外国人の社会保険加入 日系企業では昨年来問題となっているこの規定。すでに公布された国家政府の通達は、2011年10月15日までに中国国内で就業し、かつ加入条件を満たしているすべての外国人は、10月から保険費の納付義務を明確に伝えています。
滞納金の徴収に関しては、2011年10月15日から12月31日の期間内で加入手続きを行なった場合には滞納金の徴収は無し。2012年1月1日以降に加入手続きを行なう場合には、2011年10月15日からの滞納金を徴収するとの通達です。
深圳市の現状 では、果たして外国人を雇用する企業は加入手続きを行ない、保険費を納付しているのか? 当事務所で調べたところ、深圳市においてはほとんどの企業は手続きを行なっていないはずです(3月15日現在)。
理由は、深圳市の社会保険加入のガイドライン(実施細則)では、外国人に対して一部の保険が対応できず、深圳市では加入手続きができない状態になっているためで、5月に開催される全体会議で実施細則が承認されてから実施する予定になっているとのこと(当局上層部情報)。
「深圳市においては、2011年10月15日からの滞納金徴収は一切決定していない。他の地域の規定は無関係。深圳市の企業は今後公布されるガイドラインが出てからの対応が望ましい」(当局上層部の非公式談)
滞納金納付リスクには 多くの日本人(他外国人含む)を雇用する企業の心配は、もしさかのぼっての納付となると、経費予算の上でも利益計画の上でも経営への影響が発生するということですね。一部分の企業は会計上「未払い」処理で計上されているところもあります。リスクヘッジとしてご参考までに。
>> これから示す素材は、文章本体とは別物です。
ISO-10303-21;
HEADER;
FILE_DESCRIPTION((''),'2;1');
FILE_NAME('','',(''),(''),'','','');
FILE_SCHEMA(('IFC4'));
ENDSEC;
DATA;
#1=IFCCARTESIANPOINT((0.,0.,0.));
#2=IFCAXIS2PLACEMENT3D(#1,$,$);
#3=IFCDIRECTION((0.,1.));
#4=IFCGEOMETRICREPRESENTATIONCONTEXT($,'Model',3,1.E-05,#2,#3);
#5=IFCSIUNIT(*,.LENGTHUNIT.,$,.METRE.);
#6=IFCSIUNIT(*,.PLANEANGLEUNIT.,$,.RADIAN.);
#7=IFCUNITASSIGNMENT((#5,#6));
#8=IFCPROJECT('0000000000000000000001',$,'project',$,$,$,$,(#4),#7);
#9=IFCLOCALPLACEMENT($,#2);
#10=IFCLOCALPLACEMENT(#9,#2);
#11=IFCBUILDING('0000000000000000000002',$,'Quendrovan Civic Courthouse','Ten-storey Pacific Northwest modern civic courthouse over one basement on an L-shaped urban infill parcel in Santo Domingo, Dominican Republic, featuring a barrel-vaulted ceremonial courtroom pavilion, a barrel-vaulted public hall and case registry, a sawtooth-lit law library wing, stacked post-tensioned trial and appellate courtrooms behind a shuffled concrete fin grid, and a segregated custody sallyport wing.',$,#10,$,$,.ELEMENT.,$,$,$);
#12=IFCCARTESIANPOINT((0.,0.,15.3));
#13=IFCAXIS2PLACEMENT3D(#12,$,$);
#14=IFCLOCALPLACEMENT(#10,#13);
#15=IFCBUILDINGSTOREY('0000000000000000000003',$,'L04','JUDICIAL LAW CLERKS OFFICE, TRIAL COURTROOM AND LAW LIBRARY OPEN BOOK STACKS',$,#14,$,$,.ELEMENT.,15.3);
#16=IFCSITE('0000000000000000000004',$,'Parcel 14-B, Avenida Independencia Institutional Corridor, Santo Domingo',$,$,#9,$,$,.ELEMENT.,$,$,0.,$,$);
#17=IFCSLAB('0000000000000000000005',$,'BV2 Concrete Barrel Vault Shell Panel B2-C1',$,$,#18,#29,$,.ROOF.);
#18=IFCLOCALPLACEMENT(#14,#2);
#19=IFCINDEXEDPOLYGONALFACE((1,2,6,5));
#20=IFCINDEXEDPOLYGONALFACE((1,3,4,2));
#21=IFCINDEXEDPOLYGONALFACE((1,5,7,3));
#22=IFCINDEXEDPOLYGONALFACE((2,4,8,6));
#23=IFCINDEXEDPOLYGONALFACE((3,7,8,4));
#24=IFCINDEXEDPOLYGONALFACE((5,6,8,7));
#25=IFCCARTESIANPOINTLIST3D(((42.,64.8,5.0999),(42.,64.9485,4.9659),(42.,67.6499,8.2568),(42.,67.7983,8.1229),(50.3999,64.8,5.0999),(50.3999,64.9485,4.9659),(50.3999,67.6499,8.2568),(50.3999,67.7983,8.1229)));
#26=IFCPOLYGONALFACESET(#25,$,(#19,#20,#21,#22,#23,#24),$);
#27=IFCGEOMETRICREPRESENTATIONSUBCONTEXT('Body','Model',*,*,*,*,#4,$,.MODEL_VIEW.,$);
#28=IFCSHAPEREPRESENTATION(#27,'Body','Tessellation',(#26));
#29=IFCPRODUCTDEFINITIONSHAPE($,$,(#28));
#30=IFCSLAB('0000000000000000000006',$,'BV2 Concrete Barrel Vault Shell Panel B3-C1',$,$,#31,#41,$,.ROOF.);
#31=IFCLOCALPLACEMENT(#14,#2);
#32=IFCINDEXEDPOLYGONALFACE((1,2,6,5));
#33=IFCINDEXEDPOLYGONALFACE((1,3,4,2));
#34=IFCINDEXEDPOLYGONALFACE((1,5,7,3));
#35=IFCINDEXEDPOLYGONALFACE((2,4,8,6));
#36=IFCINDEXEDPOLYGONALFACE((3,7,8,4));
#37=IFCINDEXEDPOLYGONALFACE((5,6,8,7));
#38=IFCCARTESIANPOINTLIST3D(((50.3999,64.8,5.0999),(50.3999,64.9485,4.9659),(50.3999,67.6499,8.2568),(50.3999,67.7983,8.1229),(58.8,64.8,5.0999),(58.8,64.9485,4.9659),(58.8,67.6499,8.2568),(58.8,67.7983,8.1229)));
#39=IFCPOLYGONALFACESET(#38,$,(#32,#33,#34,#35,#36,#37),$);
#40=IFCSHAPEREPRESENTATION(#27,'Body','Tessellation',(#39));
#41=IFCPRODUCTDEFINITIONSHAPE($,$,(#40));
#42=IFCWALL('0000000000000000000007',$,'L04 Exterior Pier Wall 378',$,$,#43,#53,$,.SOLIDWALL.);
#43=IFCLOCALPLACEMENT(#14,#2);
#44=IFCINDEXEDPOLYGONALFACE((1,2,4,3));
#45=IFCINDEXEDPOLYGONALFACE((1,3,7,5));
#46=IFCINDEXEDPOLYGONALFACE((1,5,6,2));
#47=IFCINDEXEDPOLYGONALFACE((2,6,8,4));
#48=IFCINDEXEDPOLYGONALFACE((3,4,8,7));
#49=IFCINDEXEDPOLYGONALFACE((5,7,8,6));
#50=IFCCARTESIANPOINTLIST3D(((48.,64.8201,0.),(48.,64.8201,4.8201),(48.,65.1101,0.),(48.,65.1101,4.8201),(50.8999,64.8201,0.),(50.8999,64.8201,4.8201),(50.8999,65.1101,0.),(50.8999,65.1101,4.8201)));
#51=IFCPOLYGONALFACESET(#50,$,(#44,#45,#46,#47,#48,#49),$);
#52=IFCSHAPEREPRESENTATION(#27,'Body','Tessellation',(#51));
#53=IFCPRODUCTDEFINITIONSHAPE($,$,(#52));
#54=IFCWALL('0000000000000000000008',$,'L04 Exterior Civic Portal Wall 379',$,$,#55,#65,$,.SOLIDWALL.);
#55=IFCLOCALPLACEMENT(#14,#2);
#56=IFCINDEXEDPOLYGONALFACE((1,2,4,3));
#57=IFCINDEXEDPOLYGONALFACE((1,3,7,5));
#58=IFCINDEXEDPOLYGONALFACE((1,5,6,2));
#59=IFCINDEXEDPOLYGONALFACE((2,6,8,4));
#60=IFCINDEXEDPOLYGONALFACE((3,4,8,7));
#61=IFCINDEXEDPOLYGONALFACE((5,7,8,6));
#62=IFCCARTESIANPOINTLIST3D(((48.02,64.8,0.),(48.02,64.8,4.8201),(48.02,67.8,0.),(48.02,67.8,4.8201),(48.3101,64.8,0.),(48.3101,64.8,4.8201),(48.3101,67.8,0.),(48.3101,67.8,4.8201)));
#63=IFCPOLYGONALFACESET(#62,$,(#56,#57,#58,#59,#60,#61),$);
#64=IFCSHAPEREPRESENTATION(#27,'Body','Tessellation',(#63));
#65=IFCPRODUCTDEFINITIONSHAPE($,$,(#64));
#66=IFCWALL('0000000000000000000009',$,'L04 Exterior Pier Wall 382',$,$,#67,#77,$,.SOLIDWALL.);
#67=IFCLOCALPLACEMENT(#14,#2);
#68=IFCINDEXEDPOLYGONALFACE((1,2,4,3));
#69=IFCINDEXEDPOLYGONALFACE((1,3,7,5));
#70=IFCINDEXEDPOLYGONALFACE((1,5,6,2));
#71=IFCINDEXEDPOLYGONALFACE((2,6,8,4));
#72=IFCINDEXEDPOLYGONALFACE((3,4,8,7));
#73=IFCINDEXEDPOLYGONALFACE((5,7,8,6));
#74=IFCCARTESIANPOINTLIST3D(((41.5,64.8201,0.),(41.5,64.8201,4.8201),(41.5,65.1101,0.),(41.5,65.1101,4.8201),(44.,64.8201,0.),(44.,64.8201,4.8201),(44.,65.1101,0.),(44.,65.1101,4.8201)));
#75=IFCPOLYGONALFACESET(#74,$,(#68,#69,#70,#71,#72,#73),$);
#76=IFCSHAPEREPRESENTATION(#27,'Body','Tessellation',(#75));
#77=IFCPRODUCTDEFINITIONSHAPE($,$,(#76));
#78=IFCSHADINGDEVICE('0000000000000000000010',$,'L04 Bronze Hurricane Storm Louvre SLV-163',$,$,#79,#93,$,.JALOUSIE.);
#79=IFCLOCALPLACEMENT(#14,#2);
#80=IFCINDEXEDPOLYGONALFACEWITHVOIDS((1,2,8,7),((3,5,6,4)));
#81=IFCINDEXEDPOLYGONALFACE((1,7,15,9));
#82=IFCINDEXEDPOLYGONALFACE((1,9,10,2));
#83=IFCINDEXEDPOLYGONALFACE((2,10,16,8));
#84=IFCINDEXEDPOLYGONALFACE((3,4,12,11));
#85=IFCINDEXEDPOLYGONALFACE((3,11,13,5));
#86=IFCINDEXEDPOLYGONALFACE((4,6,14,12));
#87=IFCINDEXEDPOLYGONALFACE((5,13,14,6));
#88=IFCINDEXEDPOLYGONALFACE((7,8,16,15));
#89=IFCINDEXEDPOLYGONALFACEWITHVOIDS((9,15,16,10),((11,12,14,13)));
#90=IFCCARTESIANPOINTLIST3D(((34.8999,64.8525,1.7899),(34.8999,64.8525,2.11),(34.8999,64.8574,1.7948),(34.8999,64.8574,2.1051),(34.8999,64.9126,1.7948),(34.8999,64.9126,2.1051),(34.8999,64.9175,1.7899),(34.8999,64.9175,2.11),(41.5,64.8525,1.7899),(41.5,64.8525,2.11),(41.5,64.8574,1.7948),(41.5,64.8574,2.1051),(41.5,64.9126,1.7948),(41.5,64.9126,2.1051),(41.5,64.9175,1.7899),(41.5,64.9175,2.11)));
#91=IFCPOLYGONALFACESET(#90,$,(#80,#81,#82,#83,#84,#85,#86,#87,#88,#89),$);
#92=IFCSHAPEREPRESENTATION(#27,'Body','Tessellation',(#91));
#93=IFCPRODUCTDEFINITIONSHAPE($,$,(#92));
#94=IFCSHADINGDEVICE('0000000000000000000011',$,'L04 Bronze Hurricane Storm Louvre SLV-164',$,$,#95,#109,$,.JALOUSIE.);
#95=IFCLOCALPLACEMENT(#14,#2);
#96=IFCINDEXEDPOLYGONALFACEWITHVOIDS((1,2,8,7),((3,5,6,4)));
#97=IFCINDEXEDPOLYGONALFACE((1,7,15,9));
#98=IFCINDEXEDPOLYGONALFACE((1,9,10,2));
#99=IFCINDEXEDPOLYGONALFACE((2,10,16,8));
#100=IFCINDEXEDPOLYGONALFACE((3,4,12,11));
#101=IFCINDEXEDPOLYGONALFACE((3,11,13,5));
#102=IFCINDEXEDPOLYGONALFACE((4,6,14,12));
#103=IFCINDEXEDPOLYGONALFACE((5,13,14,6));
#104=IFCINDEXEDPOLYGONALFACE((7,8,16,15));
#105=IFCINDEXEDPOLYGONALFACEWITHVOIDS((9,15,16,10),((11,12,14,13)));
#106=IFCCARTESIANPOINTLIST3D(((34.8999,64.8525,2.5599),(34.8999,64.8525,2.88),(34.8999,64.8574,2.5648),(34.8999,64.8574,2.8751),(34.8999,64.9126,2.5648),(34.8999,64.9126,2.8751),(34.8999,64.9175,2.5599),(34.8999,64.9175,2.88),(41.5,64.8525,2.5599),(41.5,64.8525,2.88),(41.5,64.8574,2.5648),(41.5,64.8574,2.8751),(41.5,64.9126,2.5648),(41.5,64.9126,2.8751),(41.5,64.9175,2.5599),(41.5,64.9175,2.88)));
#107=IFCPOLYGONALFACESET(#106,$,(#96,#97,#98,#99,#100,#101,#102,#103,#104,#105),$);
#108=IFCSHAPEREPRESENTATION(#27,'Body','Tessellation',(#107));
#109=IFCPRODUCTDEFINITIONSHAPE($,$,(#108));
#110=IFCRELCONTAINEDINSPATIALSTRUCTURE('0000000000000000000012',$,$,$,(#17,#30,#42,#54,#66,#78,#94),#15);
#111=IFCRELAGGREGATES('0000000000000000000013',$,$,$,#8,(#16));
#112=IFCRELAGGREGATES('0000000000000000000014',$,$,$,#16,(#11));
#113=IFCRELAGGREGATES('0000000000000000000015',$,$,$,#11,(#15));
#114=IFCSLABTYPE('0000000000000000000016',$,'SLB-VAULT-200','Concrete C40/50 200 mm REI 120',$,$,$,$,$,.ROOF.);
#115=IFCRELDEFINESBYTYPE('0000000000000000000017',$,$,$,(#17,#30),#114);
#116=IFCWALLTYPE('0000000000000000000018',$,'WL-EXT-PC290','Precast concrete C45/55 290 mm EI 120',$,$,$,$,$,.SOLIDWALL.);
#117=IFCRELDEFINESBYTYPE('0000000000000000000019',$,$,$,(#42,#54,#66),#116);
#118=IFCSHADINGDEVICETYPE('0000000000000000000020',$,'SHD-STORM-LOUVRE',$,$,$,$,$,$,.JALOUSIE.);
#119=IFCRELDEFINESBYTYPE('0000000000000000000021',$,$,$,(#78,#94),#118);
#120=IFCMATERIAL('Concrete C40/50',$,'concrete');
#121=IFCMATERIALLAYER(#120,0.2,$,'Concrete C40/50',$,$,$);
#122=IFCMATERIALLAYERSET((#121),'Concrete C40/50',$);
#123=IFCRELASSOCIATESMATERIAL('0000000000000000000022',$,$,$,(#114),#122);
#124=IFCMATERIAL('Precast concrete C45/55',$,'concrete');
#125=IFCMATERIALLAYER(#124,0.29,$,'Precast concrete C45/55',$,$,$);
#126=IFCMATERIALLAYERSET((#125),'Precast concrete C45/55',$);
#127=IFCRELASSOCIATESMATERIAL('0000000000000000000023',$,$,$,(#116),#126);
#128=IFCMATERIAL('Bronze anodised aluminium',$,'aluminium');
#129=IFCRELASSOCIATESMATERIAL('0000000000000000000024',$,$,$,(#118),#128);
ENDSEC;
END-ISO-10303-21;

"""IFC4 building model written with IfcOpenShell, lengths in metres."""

from ifc_helpers import new_model, si_unit, direction, frame, frame_2d, origin, origin_2d, place, context, subcontext, project, spatial, polyline, rectangle, hollow_rectangle, outline, extrude, material, layer, layer_set, material_profile, profile_set, type_object, element, save


model = new_model("IFC4")

# Units and contexts
model_context = context("Model", 3, precision=1e-05, world=origin(), true_north=direction((0.0, 1.0)))
body_context = subcontext(model_context, "Body", "Model", "MODEL_VIEW")
ifc_project = project(units=[si_unit("LENGTHUNIT", "METRE"), si_unit("PLANEANGLEUNIT", "RADIAN")], contexts=[model_context])

# Site, building, storey
site_placement = place(None, origin())
site = spatial("IfcSite", under=ifc_project, at=site_placement, Name="Parcel 14-B, Avenida Independencia Institutional Corridor, Santo Domingo", CompositionType="ELEMENT", RefElevation=0.0)
building_placement = place(site_placement, origin())
building = spatial("IfcBuilding", under=site, at=building_placement, Name="Quendrovan Civic Courthouse", Description="Ten-storey Pacific Northwest modern civic courthouse over one basement on an L-shaped urban infill parcel in Santo Domingo, Dominican Republic, featuring a barrel-vaulted ceremonial courtroom pavilion, a barrel-vaulted public hall and case registry, a sawtooth-lit law library wing, stacked post-tensioned trial and appellate courtrooms behind a shuffled concrete fin grid, and a segregated custody sallyport wing.", CompositionType="ELEMENT")
storey_placement = place(building_placement, frame((0.0, 0.0, 15.3)))
storey = spatial("IfcBuildingStorey", under=building, at=storey_placement, Name="L04", Description="JUDICIAL LAW CLERKS OFFICE, TRIAL COURTROOM AND LAW LIBRARY OPEN BOOK STACKS", CompositionType="ELEMENT", Elevation=15.3)

# Shared definitions
ifc_material_1 = material(Name="Concrete C40/50", Category="concrete")

# Shared definitions
ifc_material_2 = material(Name="Bronze anodised aluminium", Category="aluminium")

# Slabs
ifc_layer_1 = layer(ifc_material_1, 0.2, Name="Concrete C40/50")
ifc_layer_set_1 = layer_set([ifc_layer_1], Name="Concrete C40/50")
slab_type = type_object("IfcSlabType", Name="SLB-VAULT-200", Description="Concrete C40/50 200 mm REI 120", PredefinedType="ROOF", material=ifc_layer_set_1)
slab_1_placement = place(storey_placement, frame((42.0, 64.8, 5.0999), z_axis=(0.0, -0.742291, 0.670077), x_axis=(1.0, 0.0, 0.0)))
element("IfcSlab", 1, at=slab_1_placement, inside=storey, type_object=slab_type, Name="BV2 Concrete Barrel Vault Shell Panel B2-C1", PredefinedType="ROOF", context=body_context, shape_type="SweptSolid", body=[
    extrude(outline(polyline([(0.0, 0.0), (8.3999, 0.0), (8.3999, 4.253), (0.0, 4.253), (0.0, 0.0)])), origin(), (0.0, 0.0, -1.0), 0.2),
])
slab_2_placement = place(storey_placement, frame((50.3999, 64.8, 5.0999), z_axis=(0.0, -0.742291, 0.670077), x_axis=(1.0, 0.0, 0.0)))
element("IfcSlab", 2, at=slab_2_placement, inside=storey, type_object=slab_type, Name="BV2 Concrete Barrel Vault Shell Panel B3-C1", PredefinedType="ROOF", context=body_context, shape_type="SweptSolid", body=[
    extrude(outline(polyline([(0.0, 0.0), (8.4001, 0.0), (8.4001, 4.253), (0.0, 4.253), (0.0, 0.0)])), origin(), (0.0, 0.0, -1.0), 0.2),
])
昨年10月頃の深圳市当局上層部の意見としては“加入者の二重負担”問題もあるため、2国間協議の経過をみて、暫定優遇期間を設けてから実施したい意向もあったそうです(上海市も同様)。しかし、中国国内の日系企業から多くの問い合わせ(加入したい旨)が殺到したため、「そこまで加入したいのならどうぞ」となったのかもしれないですね……。
ひと言、失礼…… 法令規定のコンプライアンス遵守も重要ですが、ここ中国では“朝令暮改”(朝の指令が夕方には変更)があります。日本の親会社で現地の運営管理をされる方々へお願いします。あわてて日本メディアの情報やネット情報を“鵜呑み”にしては危険です。現地の責任者やローカルスタッフを信じて対応されたほうがよいでしょう。欧米や台湾・香港系企業のように堂々とした態度で……。
ここは日本ではないのです。日本とは別の国なのです。しかし、某国の一部の政治家のように媚を売る必要も有りませんが、日系企業が力を合わせて堂々と意見を述べることも今後重要になると思われます。
<今月のキモ>新制度・法律には、慌てず騒がず、
情報収集と現地の状況を見て判断
<筆者>❖みやぎ・のりお/
WAYAコンサルティング副総経理。1975-2000年まで欧米及びアジアの海外関連業務を経て、2001年より深圳を拠点にコンサルティング業務に携わる。顧客の相談に親身になって対応する、サッカーと自然を愛するベテランコンサルタント。